Presidio di fronte al Renzetti,
USB e Cooperative manifestano

"I lavoratori delle cooperative hanno contratti che ledono la dignità umana"

“Con il presidio di sabato 29 aprile vogliamo denunciare le condizioni in cui versano i lavoratori delle cooperative che hanno in appalto i servizi fondamentali dell’ospedale di Lanciano”. Così l’Unione Sindacale di Base (USB) di Lanciano spiega i motivi il presidio che si terrà di fronte l’ingresso dell’ospedale Renzetti di Lanciano insieme ai lavoratori delle cooperative che gestiscono i servizi ospedalieri.

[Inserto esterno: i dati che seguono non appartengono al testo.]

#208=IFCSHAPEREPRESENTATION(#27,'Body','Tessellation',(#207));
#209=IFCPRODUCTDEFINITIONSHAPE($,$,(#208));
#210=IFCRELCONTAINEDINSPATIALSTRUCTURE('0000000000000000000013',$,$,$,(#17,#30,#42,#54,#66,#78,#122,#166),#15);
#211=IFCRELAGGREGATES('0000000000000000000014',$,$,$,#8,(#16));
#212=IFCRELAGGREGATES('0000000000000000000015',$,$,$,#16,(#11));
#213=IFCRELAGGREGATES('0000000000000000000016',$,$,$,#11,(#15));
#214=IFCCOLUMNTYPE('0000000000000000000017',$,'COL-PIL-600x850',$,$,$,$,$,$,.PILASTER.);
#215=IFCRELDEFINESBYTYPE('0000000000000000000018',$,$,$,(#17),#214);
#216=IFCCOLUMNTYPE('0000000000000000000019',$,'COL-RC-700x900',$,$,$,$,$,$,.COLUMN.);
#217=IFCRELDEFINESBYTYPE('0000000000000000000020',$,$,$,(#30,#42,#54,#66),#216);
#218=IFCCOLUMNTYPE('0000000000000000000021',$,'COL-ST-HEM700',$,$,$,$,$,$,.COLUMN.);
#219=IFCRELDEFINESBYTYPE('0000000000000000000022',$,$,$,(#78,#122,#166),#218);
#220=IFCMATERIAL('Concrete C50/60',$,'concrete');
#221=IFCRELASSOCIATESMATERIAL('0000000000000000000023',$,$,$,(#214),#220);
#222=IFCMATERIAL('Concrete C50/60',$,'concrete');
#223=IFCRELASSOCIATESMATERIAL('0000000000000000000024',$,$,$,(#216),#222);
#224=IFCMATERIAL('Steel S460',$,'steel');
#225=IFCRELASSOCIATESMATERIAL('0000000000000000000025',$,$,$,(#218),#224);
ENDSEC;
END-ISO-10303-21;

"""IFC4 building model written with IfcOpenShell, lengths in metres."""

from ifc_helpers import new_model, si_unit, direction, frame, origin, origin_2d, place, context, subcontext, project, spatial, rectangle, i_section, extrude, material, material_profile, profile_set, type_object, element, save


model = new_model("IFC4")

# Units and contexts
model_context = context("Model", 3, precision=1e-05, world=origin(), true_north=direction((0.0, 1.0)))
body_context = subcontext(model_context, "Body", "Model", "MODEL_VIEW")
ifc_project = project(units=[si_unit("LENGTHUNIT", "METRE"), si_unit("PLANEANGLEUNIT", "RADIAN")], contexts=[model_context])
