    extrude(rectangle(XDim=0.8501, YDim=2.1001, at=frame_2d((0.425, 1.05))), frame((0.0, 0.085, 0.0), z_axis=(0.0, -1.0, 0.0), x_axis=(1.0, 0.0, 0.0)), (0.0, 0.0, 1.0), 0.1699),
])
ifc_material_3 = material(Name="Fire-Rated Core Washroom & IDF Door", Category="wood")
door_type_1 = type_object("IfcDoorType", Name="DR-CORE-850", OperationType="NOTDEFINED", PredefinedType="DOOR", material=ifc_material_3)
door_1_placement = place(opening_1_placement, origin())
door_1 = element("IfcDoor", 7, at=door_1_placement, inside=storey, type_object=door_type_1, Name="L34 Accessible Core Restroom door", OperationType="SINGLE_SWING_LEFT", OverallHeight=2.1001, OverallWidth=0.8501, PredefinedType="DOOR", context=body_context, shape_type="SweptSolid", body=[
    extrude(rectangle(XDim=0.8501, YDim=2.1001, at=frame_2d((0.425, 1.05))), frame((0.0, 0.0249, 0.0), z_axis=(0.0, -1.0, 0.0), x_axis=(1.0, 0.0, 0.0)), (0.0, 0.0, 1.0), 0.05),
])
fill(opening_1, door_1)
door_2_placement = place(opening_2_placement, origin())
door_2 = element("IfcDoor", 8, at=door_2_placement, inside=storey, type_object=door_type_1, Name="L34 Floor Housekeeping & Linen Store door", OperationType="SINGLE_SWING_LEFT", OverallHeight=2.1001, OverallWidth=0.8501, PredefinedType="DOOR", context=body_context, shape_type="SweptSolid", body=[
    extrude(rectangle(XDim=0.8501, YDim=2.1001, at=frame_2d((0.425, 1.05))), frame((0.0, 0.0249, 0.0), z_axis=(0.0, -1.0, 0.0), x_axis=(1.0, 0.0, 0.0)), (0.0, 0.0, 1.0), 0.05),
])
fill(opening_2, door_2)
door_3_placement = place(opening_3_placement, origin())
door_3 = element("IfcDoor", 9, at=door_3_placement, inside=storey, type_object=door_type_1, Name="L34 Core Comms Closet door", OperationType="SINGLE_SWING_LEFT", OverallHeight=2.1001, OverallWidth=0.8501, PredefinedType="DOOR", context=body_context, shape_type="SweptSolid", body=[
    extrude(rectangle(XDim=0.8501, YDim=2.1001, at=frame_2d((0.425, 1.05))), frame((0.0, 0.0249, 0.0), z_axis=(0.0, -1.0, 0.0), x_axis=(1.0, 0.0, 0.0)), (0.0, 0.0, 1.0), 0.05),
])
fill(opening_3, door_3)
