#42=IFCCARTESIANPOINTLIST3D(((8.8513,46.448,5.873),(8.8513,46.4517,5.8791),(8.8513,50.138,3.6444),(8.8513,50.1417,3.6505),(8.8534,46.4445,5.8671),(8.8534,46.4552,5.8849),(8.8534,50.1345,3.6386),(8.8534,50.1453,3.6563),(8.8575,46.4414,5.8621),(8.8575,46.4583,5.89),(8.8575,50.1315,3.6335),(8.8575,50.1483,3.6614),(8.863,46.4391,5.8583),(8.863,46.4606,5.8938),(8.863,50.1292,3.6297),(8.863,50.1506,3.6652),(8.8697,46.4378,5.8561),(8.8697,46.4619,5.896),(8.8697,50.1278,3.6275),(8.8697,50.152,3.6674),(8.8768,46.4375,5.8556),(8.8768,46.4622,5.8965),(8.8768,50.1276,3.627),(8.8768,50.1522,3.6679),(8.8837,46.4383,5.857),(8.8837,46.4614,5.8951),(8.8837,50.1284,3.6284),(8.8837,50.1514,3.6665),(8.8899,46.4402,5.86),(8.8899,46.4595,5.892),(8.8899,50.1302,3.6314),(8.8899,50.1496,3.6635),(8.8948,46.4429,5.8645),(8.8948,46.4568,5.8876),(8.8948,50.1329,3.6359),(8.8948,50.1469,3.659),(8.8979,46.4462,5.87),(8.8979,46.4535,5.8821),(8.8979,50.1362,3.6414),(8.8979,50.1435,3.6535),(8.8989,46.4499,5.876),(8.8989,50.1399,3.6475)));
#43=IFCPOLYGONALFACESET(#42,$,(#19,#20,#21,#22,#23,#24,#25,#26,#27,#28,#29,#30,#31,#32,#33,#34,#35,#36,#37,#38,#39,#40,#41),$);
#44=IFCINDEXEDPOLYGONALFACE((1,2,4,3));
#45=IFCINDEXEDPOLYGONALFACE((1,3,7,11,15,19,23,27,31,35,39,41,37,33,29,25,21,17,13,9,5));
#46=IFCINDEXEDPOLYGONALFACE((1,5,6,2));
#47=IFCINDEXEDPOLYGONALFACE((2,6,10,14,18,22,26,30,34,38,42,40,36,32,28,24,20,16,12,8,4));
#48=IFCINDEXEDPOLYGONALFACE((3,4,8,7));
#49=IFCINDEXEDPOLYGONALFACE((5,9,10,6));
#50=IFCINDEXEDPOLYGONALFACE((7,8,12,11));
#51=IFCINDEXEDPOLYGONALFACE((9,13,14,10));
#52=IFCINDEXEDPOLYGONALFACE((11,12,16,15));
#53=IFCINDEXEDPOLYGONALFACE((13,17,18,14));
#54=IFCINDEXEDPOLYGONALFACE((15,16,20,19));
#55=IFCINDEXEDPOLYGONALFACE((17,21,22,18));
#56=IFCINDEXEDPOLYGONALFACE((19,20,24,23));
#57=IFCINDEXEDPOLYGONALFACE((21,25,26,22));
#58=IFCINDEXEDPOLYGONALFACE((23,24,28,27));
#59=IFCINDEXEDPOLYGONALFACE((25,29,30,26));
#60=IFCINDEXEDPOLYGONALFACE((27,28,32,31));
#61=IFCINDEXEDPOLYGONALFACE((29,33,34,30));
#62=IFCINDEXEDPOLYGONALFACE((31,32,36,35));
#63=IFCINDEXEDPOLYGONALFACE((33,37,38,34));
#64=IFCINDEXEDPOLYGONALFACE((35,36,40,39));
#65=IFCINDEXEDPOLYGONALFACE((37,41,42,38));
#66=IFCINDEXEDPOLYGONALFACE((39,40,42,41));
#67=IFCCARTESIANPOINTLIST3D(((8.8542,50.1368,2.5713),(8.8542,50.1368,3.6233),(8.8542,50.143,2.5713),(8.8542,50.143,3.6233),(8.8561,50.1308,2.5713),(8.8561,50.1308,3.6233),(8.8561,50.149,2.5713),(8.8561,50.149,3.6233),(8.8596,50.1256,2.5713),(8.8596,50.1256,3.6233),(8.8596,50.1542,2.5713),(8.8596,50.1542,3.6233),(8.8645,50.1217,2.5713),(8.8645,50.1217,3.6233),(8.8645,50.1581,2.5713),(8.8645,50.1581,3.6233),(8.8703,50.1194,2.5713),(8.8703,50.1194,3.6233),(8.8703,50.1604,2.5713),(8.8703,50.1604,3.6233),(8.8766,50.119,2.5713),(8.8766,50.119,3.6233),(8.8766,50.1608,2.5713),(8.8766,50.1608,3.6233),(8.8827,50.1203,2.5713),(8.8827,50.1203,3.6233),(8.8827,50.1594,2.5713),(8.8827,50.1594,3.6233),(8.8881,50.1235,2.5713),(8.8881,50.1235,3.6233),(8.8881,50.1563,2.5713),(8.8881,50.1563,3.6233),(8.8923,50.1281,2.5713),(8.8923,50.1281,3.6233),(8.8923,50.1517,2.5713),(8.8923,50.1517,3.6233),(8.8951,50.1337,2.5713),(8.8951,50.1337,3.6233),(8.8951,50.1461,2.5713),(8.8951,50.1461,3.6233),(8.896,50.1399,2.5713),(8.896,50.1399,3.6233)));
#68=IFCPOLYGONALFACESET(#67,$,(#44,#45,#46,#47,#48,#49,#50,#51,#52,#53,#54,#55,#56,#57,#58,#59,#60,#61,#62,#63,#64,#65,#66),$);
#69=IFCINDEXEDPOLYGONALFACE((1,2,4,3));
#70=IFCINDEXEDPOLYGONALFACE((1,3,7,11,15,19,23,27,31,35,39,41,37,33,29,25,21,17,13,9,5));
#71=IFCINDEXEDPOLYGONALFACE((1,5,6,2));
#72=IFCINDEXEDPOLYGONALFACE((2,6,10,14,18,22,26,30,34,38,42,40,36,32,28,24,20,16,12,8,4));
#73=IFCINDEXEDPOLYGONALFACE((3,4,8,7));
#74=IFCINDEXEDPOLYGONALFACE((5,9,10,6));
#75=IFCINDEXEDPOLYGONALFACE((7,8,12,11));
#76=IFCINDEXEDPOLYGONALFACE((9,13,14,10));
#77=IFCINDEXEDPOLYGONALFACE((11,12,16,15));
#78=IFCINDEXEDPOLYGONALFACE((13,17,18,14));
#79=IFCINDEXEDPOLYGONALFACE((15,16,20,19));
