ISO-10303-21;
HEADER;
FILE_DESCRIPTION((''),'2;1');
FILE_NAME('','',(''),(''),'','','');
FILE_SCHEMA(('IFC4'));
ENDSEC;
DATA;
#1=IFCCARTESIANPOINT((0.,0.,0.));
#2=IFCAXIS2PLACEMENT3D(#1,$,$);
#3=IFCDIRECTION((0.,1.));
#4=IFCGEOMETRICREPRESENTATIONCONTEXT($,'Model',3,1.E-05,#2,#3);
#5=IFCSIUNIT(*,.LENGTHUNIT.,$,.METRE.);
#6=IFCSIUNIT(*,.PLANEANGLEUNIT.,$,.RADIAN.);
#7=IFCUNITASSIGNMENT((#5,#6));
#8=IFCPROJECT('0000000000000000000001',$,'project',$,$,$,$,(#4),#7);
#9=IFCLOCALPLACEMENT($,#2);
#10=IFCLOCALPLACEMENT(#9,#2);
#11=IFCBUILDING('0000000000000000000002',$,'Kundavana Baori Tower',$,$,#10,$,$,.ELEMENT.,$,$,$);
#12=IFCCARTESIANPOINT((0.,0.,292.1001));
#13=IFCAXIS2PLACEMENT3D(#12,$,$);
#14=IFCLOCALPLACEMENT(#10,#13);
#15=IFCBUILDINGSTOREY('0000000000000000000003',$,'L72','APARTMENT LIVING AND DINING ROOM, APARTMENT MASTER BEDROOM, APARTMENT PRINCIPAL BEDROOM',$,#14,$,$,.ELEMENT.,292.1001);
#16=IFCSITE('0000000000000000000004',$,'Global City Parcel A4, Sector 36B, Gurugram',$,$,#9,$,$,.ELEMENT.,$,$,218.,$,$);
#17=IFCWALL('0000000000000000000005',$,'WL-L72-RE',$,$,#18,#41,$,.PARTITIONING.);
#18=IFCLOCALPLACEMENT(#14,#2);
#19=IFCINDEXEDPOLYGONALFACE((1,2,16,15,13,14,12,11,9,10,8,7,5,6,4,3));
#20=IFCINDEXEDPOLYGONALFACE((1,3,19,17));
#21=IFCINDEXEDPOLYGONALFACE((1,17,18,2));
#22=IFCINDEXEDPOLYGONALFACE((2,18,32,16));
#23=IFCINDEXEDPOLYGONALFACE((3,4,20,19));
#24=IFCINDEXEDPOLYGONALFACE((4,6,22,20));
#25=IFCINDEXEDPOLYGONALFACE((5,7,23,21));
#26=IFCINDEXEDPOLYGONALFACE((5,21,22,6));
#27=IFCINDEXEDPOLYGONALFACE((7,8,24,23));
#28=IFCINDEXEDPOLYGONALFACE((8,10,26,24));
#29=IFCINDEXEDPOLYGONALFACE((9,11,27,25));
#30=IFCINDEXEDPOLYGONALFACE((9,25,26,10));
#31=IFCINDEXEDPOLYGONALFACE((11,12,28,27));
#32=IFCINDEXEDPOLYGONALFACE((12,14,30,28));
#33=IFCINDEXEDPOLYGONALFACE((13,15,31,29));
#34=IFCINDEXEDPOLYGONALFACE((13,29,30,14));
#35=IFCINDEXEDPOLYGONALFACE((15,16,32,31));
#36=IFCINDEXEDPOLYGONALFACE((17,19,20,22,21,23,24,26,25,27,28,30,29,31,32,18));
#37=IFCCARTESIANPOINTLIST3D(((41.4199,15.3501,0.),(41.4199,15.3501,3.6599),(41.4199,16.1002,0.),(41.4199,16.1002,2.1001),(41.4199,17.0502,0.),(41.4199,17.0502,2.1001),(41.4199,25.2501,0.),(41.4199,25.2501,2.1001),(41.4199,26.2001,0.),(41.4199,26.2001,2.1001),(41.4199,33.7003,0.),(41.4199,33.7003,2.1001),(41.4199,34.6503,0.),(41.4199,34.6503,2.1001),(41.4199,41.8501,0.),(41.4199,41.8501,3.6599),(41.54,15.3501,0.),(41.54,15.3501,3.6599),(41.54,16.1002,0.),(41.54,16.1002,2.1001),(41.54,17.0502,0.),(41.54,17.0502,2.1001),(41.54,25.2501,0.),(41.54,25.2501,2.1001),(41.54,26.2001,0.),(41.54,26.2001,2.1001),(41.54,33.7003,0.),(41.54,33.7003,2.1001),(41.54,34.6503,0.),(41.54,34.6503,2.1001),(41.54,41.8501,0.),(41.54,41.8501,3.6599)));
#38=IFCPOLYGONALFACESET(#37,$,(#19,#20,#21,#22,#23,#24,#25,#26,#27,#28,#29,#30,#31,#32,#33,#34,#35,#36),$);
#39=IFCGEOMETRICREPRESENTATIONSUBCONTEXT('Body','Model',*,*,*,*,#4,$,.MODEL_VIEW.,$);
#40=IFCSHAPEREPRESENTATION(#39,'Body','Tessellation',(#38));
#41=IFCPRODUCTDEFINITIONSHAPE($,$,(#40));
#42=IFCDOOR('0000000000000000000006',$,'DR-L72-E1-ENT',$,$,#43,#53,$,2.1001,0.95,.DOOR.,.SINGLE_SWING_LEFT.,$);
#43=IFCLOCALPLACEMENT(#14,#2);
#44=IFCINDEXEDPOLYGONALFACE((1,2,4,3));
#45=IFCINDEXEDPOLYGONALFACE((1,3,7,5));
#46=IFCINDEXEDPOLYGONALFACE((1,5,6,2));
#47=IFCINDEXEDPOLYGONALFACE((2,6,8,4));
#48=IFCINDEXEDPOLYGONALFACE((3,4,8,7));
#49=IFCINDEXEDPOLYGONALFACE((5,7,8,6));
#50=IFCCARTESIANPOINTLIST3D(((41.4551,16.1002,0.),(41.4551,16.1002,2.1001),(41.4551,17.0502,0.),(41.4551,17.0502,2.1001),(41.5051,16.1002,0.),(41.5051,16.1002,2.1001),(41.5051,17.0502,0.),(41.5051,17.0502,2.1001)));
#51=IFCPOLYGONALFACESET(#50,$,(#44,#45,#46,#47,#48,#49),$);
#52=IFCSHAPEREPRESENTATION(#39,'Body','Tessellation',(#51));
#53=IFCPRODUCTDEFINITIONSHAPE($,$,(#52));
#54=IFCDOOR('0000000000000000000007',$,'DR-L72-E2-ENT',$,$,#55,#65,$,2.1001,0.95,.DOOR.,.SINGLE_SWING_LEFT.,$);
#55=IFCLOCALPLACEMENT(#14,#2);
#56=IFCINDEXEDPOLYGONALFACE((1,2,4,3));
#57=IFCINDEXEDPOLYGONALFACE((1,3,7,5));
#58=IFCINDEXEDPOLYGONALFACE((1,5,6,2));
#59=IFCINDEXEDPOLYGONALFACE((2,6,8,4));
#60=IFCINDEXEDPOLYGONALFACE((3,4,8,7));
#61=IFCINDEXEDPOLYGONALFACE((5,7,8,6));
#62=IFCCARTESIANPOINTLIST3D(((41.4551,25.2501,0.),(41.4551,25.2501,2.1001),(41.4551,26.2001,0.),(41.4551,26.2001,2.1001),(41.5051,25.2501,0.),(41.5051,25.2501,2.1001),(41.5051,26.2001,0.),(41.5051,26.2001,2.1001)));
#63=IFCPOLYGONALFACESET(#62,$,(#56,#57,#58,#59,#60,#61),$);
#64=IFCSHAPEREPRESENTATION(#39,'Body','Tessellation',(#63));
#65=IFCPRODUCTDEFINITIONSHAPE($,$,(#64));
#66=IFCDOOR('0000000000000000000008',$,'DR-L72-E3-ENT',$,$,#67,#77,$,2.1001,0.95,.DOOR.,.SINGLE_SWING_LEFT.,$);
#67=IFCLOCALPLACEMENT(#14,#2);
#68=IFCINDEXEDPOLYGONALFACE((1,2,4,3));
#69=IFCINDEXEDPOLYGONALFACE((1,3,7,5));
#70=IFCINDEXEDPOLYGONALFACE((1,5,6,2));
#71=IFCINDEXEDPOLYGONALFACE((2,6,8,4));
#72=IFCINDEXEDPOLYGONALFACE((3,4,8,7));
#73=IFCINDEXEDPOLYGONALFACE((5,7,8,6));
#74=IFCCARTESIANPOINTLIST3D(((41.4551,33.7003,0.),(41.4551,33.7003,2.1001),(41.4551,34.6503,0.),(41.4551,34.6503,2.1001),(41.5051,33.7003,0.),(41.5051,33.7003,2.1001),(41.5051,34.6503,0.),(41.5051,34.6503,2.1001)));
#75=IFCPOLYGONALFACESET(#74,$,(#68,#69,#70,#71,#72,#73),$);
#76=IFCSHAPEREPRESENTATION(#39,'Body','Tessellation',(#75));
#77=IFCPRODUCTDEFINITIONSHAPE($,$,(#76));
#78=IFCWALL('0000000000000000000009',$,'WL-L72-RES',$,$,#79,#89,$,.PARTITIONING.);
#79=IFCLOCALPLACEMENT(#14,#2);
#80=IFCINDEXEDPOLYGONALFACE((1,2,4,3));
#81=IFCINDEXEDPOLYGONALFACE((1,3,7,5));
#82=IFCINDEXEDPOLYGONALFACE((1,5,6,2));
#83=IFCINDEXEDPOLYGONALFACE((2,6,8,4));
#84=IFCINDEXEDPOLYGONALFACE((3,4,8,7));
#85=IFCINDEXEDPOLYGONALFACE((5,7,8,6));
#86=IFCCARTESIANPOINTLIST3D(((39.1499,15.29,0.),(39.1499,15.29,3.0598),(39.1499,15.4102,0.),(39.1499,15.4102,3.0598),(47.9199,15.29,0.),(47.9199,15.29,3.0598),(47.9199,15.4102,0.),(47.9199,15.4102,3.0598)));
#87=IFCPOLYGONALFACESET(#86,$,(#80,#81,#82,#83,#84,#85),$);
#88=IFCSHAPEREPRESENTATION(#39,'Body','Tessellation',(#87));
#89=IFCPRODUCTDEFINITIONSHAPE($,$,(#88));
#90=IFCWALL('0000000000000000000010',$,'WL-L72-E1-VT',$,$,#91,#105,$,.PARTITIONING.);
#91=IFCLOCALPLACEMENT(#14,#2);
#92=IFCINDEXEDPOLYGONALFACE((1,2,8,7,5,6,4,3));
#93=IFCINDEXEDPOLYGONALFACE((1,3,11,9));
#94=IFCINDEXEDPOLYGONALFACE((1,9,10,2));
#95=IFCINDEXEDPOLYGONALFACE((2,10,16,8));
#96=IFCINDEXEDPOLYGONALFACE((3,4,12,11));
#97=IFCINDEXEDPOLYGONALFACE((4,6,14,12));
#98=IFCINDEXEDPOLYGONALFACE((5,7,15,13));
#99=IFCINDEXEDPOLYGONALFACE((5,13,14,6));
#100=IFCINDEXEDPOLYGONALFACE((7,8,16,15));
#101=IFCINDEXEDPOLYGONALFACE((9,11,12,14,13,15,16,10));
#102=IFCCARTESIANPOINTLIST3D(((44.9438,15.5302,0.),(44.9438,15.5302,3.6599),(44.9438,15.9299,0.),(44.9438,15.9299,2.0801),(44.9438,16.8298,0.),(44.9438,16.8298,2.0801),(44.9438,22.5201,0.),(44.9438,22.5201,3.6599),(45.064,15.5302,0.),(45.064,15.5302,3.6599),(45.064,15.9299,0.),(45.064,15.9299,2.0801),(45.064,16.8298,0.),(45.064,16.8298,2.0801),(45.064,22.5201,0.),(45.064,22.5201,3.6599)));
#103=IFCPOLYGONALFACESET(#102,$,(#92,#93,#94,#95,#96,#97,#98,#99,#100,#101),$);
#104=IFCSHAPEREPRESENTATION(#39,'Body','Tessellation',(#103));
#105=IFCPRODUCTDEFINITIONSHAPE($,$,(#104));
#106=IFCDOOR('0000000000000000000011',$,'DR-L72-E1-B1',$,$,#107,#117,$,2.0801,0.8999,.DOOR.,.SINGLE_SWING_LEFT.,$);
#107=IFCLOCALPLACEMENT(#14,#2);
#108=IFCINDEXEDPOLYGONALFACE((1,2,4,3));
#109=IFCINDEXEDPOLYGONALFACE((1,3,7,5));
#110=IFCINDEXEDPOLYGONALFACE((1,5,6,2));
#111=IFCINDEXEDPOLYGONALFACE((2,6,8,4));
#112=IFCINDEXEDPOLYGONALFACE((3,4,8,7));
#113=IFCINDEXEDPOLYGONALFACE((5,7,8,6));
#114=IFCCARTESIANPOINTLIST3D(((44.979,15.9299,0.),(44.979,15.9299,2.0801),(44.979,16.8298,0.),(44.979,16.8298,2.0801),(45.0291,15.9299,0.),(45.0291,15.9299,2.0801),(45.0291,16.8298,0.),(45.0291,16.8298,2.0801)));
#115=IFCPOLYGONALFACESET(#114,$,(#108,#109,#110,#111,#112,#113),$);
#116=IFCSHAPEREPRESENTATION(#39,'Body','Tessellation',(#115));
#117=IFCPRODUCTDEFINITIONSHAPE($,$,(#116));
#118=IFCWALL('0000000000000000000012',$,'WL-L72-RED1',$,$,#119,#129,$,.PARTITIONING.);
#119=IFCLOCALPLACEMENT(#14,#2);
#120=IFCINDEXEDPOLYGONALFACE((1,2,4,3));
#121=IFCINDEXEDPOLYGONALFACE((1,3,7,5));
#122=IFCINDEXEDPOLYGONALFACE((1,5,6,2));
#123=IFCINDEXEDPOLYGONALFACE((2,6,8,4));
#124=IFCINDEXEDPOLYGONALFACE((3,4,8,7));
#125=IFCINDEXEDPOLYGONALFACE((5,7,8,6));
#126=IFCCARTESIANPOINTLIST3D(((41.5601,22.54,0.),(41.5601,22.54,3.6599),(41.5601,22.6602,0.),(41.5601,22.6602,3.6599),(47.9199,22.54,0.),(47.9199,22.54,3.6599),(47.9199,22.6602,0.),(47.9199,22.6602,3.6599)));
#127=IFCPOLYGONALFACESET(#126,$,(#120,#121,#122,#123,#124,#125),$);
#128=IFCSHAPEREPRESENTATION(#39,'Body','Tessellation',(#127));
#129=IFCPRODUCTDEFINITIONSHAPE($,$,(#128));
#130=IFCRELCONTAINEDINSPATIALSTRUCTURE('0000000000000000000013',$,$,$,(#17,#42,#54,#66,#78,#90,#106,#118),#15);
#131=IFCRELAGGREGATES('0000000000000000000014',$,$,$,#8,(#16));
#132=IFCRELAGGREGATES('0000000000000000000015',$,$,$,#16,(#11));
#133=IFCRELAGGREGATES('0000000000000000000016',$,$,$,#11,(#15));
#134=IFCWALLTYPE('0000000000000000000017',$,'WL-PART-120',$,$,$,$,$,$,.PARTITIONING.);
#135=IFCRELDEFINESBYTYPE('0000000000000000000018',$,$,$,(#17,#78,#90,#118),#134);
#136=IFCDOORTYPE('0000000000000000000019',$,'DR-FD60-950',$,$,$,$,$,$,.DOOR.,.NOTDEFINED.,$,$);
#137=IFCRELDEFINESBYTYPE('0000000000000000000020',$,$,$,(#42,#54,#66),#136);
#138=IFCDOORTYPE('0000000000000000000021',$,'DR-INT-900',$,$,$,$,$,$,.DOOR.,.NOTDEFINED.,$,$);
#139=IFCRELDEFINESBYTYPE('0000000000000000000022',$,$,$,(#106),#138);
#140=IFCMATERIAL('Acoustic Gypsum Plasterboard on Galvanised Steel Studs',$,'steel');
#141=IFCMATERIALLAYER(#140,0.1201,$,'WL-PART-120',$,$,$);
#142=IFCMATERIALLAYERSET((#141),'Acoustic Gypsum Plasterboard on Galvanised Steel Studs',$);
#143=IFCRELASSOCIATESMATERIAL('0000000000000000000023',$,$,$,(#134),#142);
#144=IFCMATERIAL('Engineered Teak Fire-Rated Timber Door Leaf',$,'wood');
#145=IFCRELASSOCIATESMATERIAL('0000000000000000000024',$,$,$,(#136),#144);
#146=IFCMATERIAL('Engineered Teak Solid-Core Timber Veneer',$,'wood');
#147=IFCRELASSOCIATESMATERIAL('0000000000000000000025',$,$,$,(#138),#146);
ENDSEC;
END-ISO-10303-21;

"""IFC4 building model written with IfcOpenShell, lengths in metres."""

from ifc_helpers import new_model, si_unit, direction, frame, frame_2d, origin, place, context, subcontext, project, spatial, rectangle, extrude, material, layer, layer_set, type_object, element, fill, save


model = new_model("IFC4")

# Units and contexts
model_context = context("Model", 3, precision=1e-05, world=origin(), true_north=direction((0.0, 1.0)))
body_context = subcontext(model_context, "Body", "Model", "MODEL_VIEW")
ifc_project = project(units=[si_unit("LENGTHUNIT", "METRE"), si_unit("PLANEANGLEUNIT", "RADIAN")], contexts=[model_context])

# Site, building, storey
site_placement = place(None, origin())
site = spatial("IfcSite", under=ifc_project, at=site_placement, Name="Global City Parcel A4, Sector 36B, Gurugram", CompositionType="ELEMENT", RefElevation=218.0)
building_placement = place(site_placement, origin())
building = spatial("IfcBuilding", under=site, at=building_placement, Name="Kundavana Baori Tower", CompositionType="ELEMENT")
storey_placement = place(building_placement, frame((0.0, 0.0, 292.1001)))
storey = spatial("IfcBuildingStorey", under=building, at=storey_placement, Name="L72", Description="APARTMENT LIVING AND DINING ROOM, APARTMENT MASTER BEDROOM, APARTMENT PRINCIPAL BEDROOM", CompositionType="ELEMENT", Elevation=292.1001)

“I lavoratori, la maggior parte di loro donne, hanno contratti che ledono la dignità umana. - si legge in una nota dell’USB - Sono impiegati nei servizi di mensa, di pulizia, di assistenza e supporto al paziente, li troviamo nelle corsie dei reparti, di notte e di giorno, nei giorni di festa. Insomma al pari dei medici e degli infermieri con contratto pubblico e dipendenti Asl, tengono in vita la sanità pubblica e curano i nostri parenti. E’ noto che le cooperative abbassando i costi per aggiudicarsi gli appalti, incidono negativamente sulle condizioni di lavoro dei dipendenti e sulla qualità dei servizi rivolti all’utenza. - prosegue la nota - Contratti da poche ore settimanali che possono raddoppiare o ridursi, ritmi frenetici con continui spostamenti dei dipendenti da un reparto all’altro senza tener conto della professionalità che gli interventi richiederebbero, richiesta di mansioni superiori o inferiori alla qualifica definita dal contratto”.

Cosa chiede quindi il sindacato alla Asl Lanciano-Chieti-Vasto? L’apertura di un tavolo di confronto sulla qualità dei servizi complessivamente erogati negli ospedali e la drastica riduzione delle liste d’attesa per le visite specialistiche.

“All’assessore regionale Silvio Paolucci chiediamo invece: - conclude la nota - l’assorbimento dei lavoratori delle cooperative all’interno della Asl con contratto del pubblico impiego e l’abolizione dei “10 euro Chiodi” - tassa regionale per le visite specialistiche immesse per far fronte al deficit di bilancio regionale”.

L’appuntamento con la protesta è sabato 29 aprile, dalle ore 9, di fronte l’ospedale Renzetti di Lanciano.